7. Recherches récentes et perspectives d’avenir (rapports au stade de recherche)

Section intitulée « 7. Recherches récentes et perspectives d’avenir (rapports au stade de recherche) »

Le cancer cutané du xeroderma pigmentosum présente une charge mutationnelle tumorale élevée, et une sensibilité aux inhibiteurs de points de contrôle immunitaire est attendue. En 2025, 10 patients atteints de xeroderma pigmentosum dans le monde avaient reçu un traitement par inhibiteurs de points de contrôle immunitaire, et une régression tumorale a été confirmée dans tous les cas4).

Gambichler et al. (2025) ont administré du cemiplimab à raison de 3 mg/kg (par voie intraveineuse toutes les 2 semaines) à un garçon de 7 ans (type C) atteint d’un carcinome épidermoïde cutané facial géant avec métastases aux ganglions lymphatiques cervicaux4). Une semaine après la première dose, une réduction tumorale spectaculaire a été obtenue ; une réponse complète a été obtenue après 3 cycles, et les métastases ganglionnaires cervicales ont également complètement régressé après 17 cycles (8 mois). Une amélioration de l’opacité cornéenne et de l’ectropion a également été confirmée pendant le traitement.

Rapport de 3 cas pédiatriques de xeroderma pigmentosum4) :

  • Nivolumab : fillette de 6 ans (carcinome épidermoïde cutané sarcomatoïde, cuir chevelu), rémission complète après 16 cycles.
  • Nivolumab : garçon de 6 ans (type C), réponse complète.
  • Pembrolizumab : fillette de 7 ans (carcinome épidermoïde cutané métastatique, paupière inférieure gauche et conjonctive/cornée droite), administré pendant 9 cycles. Du 5-fluorouracile topique a été ajouté pour la lésion cornéenne.

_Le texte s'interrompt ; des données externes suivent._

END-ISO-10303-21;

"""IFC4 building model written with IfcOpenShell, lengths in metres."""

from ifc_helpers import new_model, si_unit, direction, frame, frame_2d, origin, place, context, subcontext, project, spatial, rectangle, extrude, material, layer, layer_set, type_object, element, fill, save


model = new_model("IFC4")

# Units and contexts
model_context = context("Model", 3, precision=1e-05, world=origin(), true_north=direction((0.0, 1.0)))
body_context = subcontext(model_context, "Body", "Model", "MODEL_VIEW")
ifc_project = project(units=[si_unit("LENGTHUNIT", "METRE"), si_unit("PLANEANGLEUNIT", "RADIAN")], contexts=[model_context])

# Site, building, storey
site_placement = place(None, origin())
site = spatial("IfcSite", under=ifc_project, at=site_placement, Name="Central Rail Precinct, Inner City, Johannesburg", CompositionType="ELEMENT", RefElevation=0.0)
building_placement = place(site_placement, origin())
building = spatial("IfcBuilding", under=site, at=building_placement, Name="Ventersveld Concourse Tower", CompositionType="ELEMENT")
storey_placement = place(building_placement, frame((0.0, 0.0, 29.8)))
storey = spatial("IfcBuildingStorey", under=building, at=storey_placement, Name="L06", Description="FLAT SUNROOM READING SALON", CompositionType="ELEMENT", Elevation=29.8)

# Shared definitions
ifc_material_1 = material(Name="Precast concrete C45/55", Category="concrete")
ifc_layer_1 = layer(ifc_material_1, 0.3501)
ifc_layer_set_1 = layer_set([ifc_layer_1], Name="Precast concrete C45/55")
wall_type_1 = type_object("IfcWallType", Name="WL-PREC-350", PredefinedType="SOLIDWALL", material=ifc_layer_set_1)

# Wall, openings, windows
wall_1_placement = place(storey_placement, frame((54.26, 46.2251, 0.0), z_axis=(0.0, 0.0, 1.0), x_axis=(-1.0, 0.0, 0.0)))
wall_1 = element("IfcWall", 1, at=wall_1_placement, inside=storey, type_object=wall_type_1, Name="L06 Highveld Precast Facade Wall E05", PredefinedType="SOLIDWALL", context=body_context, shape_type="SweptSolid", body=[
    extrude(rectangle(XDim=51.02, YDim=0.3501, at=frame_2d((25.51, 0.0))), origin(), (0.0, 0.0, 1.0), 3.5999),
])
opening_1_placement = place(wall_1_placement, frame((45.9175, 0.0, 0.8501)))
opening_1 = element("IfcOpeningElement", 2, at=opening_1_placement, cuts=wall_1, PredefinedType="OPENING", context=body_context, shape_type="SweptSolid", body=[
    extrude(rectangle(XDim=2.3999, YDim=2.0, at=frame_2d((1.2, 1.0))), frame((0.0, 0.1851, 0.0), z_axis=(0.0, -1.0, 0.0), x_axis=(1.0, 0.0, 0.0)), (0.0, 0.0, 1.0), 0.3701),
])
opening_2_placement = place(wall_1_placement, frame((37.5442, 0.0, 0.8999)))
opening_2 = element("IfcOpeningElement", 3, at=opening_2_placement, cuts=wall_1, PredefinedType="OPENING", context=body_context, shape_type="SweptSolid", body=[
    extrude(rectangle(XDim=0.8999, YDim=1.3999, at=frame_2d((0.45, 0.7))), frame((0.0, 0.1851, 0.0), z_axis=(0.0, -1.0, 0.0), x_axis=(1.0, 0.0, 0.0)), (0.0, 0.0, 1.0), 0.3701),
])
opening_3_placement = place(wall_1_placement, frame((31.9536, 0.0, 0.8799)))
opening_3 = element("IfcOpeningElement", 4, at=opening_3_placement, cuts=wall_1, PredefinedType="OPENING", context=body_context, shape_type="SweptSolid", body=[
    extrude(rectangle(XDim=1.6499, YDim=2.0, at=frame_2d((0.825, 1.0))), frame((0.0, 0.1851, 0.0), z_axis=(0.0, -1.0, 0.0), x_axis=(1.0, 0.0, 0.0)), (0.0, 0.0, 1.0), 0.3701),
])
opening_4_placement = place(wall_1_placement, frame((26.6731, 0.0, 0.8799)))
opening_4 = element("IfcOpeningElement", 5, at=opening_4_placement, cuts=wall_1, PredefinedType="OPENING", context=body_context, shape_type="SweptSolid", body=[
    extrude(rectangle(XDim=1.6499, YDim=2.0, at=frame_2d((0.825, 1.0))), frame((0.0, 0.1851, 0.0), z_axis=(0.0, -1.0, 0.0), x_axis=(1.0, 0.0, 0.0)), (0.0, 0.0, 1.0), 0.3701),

La fréquence et le type des effets indésirables du traitement par inhibiteurs de points de contrôle immunitaire sont considérés comme similaires à ceux de la population générale4).

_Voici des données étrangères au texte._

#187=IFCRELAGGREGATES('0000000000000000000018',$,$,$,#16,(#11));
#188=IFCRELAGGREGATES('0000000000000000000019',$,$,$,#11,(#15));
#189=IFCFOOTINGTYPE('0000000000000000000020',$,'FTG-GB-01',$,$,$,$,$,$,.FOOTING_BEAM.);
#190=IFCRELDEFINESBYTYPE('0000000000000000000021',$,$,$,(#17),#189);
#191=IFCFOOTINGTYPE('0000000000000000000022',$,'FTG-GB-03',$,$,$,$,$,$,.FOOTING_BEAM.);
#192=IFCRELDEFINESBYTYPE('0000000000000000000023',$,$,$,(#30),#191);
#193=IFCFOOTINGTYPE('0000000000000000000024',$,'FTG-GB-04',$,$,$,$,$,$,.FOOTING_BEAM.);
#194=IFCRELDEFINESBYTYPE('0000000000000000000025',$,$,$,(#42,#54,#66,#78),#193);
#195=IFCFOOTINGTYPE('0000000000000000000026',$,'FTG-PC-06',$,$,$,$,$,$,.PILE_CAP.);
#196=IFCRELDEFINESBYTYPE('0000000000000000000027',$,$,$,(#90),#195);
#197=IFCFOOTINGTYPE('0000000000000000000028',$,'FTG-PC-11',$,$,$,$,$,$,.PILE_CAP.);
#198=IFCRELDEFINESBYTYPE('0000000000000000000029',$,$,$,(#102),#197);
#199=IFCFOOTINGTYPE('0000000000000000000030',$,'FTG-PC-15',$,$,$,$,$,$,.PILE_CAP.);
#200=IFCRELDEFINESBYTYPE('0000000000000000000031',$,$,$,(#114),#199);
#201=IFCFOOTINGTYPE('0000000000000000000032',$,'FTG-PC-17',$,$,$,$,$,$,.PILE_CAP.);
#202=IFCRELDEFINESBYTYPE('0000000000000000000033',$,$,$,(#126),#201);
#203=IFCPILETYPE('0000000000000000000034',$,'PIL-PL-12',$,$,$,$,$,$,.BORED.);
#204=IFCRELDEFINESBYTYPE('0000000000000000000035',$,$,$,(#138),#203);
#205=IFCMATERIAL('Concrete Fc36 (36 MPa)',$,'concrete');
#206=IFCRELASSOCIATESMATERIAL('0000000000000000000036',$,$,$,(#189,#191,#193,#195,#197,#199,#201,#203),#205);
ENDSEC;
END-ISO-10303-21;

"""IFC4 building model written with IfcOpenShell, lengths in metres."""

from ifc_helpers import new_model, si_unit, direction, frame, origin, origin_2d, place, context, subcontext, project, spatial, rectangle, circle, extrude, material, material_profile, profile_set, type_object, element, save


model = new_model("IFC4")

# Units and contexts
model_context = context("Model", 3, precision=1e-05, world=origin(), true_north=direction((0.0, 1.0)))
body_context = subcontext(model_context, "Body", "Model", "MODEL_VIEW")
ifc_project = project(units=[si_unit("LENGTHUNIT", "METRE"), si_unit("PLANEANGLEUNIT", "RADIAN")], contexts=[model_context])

Pour le carcinome basocellulaire récidivant après chirurgie, l’inhibiteur de la signalisation Hedgehog (vismodégib) est envisagé comme option de traitement du carcinome basocellulaire non résécable ou métastatique8).

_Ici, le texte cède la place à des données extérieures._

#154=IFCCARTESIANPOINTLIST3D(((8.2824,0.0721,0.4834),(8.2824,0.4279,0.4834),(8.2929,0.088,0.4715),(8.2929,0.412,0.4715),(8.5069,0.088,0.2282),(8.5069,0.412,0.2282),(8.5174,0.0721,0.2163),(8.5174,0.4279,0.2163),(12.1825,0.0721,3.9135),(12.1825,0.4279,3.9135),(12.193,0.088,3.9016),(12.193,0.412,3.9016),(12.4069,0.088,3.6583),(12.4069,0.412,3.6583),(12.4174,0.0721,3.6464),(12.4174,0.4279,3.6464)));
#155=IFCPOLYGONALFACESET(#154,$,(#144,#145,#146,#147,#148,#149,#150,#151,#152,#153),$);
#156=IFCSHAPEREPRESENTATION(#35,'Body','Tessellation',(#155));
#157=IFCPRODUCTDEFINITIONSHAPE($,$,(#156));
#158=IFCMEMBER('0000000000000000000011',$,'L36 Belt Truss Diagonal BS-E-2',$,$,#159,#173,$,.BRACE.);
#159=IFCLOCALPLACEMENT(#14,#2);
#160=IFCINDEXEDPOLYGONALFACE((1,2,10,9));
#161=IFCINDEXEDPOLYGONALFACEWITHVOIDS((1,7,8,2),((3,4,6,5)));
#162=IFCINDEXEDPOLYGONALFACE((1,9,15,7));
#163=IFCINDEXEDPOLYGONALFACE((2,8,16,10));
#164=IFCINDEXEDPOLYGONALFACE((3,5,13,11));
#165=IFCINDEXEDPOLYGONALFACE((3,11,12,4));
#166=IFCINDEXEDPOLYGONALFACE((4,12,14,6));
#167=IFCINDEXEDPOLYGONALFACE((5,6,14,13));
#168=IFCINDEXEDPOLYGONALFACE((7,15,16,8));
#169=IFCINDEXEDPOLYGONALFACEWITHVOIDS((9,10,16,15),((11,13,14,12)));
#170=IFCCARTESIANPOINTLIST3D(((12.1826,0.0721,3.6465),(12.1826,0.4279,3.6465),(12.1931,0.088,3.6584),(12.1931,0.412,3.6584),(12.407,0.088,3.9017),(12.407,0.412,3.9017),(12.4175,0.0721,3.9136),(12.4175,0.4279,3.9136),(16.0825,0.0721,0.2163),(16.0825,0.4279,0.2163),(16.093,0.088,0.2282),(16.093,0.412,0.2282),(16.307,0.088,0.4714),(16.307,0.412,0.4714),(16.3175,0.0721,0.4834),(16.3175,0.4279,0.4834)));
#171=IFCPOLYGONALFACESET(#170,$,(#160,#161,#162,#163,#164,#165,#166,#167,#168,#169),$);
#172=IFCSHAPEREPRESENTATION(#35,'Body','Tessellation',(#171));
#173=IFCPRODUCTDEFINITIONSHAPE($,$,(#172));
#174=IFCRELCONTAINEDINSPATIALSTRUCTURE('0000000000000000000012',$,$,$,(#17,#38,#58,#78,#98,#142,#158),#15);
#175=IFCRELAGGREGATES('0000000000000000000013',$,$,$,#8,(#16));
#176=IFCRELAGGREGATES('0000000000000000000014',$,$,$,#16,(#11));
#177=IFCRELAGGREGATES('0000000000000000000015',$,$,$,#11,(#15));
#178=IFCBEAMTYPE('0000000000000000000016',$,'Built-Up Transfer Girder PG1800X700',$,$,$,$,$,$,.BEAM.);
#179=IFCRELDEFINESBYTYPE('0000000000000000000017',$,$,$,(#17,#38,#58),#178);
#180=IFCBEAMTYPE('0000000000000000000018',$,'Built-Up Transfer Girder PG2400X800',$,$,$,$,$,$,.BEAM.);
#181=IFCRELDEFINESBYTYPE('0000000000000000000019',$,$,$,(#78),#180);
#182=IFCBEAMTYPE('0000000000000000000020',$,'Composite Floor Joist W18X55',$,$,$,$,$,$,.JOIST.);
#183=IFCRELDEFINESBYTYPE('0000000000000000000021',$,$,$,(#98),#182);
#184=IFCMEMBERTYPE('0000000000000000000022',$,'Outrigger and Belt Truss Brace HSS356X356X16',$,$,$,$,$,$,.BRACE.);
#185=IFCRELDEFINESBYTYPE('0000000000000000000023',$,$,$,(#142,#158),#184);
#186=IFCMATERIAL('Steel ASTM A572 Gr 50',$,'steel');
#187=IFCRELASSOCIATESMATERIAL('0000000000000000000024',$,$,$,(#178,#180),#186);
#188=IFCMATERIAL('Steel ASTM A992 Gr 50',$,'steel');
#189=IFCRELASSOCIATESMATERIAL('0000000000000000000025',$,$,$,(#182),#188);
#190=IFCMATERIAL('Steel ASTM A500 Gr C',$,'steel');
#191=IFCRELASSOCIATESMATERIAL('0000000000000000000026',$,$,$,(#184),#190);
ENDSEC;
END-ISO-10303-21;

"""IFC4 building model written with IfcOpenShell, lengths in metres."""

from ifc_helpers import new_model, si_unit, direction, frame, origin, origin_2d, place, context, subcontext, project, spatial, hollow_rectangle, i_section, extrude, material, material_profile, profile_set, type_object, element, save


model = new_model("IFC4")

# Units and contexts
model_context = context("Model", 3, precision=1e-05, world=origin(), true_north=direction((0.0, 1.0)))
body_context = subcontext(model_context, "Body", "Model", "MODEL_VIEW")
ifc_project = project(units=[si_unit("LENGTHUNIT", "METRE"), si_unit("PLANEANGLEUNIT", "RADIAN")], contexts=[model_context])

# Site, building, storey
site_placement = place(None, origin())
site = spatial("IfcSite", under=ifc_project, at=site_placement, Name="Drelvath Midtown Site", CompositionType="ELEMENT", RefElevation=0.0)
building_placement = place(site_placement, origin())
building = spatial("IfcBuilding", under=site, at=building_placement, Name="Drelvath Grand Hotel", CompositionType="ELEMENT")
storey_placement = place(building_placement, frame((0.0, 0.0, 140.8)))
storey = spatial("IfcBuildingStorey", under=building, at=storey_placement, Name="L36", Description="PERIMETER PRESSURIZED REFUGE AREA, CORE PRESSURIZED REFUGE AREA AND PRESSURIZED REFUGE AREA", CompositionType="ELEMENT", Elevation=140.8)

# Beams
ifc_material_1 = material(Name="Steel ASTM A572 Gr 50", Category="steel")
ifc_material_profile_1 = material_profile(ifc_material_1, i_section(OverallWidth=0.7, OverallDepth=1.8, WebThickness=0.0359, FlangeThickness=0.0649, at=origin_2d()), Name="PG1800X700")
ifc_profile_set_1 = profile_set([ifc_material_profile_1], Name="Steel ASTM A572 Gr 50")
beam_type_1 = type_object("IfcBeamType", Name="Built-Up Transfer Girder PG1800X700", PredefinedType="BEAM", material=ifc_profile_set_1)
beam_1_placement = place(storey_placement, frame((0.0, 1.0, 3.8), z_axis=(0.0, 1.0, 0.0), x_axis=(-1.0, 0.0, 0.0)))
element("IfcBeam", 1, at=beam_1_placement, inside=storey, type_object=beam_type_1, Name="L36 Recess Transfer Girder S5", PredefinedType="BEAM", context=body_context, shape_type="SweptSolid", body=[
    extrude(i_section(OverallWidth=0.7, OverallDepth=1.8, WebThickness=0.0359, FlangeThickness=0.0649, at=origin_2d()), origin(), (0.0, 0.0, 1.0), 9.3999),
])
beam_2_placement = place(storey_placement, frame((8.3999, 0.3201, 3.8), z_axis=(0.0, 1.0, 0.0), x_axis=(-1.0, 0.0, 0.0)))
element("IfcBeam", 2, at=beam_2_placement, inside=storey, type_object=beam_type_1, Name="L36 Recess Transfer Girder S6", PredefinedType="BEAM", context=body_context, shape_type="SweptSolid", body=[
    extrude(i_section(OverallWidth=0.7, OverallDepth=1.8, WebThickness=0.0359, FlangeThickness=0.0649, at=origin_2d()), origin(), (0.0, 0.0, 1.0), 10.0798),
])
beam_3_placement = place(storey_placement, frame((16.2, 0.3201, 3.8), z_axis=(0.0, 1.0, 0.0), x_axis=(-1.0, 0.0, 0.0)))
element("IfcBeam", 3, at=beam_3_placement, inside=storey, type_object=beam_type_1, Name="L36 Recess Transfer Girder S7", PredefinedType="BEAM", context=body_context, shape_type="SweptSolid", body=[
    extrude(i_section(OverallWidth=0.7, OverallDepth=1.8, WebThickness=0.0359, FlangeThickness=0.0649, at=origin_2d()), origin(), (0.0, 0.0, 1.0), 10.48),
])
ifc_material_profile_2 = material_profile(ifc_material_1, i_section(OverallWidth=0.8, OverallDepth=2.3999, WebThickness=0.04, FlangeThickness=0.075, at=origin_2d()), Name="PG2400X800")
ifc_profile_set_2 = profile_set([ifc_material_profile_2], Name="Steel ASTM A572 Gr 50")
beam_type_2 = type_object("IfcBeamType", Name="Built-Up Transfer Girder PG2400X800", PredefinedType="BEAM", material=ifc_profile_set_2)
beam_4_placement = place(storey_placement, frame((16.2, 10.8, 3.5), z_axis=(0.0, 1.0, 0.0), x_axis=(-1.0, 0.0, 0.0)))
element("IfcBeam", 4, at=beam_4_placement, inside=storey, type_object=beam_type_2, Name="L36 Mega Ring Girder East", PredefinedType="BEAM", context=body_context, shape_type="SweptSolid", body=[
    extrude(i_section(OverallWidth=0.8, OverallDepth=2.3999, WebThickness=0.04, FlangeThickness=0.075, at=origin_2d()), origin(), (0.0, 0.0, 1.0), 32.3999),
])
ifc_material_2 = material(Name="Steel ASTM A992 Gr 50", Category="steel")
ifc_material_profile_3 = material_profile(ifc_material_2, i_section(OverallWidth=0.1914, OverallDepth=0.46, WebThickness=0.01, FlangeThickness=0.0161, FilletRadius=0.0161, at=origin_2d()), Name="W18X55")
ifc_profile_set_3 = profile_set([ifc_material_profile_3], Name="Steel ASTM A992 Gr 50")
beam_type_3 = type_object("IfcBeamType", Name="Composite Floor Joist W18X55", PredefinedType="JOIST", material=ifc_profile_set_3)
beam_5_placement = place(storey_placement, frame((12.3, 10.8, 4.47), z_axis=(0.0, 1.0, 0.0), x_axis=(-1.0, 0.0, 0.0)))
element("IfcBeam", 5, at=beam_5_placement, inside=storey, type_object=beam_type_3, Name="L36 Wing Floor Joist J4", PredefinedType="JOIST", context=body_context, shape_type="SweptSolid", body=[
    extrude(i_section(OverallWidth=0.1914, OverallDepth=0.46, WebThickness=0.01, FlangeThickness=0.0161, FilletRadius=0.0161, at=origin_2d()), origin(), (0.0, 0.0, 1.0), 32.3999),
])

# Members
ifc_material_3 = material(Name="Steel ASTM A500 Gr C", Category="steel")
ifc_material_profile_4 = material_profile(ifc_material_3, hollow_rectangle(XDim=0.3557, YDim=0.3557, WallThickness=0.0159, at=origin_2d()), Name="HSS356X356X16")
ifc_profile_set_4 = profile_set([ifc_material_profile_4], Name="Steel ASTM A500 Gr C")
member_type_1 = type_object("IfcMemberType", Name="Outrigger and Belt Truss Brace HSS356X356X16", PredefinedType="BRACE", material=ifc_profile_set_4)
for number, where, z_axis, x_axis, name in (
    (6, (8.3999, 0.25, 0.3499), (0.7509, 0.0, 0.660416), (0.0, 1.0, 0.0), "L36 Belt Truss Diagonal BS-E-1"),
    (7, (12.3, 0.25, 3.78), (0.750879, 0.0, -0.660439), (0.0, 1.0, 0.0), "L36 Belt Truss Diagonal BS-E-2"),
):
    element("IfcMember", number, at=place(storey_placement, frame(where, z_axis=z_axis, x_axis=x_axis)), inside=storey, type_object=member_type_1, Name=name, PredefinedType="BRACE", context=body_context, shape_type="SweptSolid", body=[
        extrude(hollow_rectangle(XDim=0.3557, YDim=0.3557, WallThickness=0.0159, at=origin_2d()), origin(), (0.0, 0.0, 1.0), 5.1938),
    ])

Une formulation liposomale de T4 endonucléase V, une enzyme de réparation de l’ADN d’origine bactérienne, a montré qu’elle aide à supprimer l’apparition de kératose actinique et de carcinome basocellulaire.

  • Thérapie génique : En développement, mais n’a pas encore atteint le stade clinique.
  • Polyphénols du thé vert : Une diminution du développement du cancer de la peau a été montrée dans des modèles animaux8).
  • Écran solaire contenant des enzymes réparatrices de l’ADN et des antioxydants : étudié pour renforcer l’effet photoprotecteur8).
Q Les inhibiteurs de points de contrôle immunitaire sont-ils aussi efficaces contre les tumeurs oculaires du xeroderma pigmentosum ?
A

Chez un enfant atteint de xeroderma pigmentosum de type C, il a été rapporté que le pembrolizumab a traité un carcinome épidermoïde cutané métastatique de la paupière inférieure gauche et de la conjonctive et de la cornée droites (avec ajout de 5-fluorouracile local)4). Chez les cas traités par cemiplimab, une amélioration de l’opacité cornéenne et de l’ectropion a également été observée. Cependant, il s’agit de rapports à un stade de recherche et cela n’est pas établi comme traitement standard.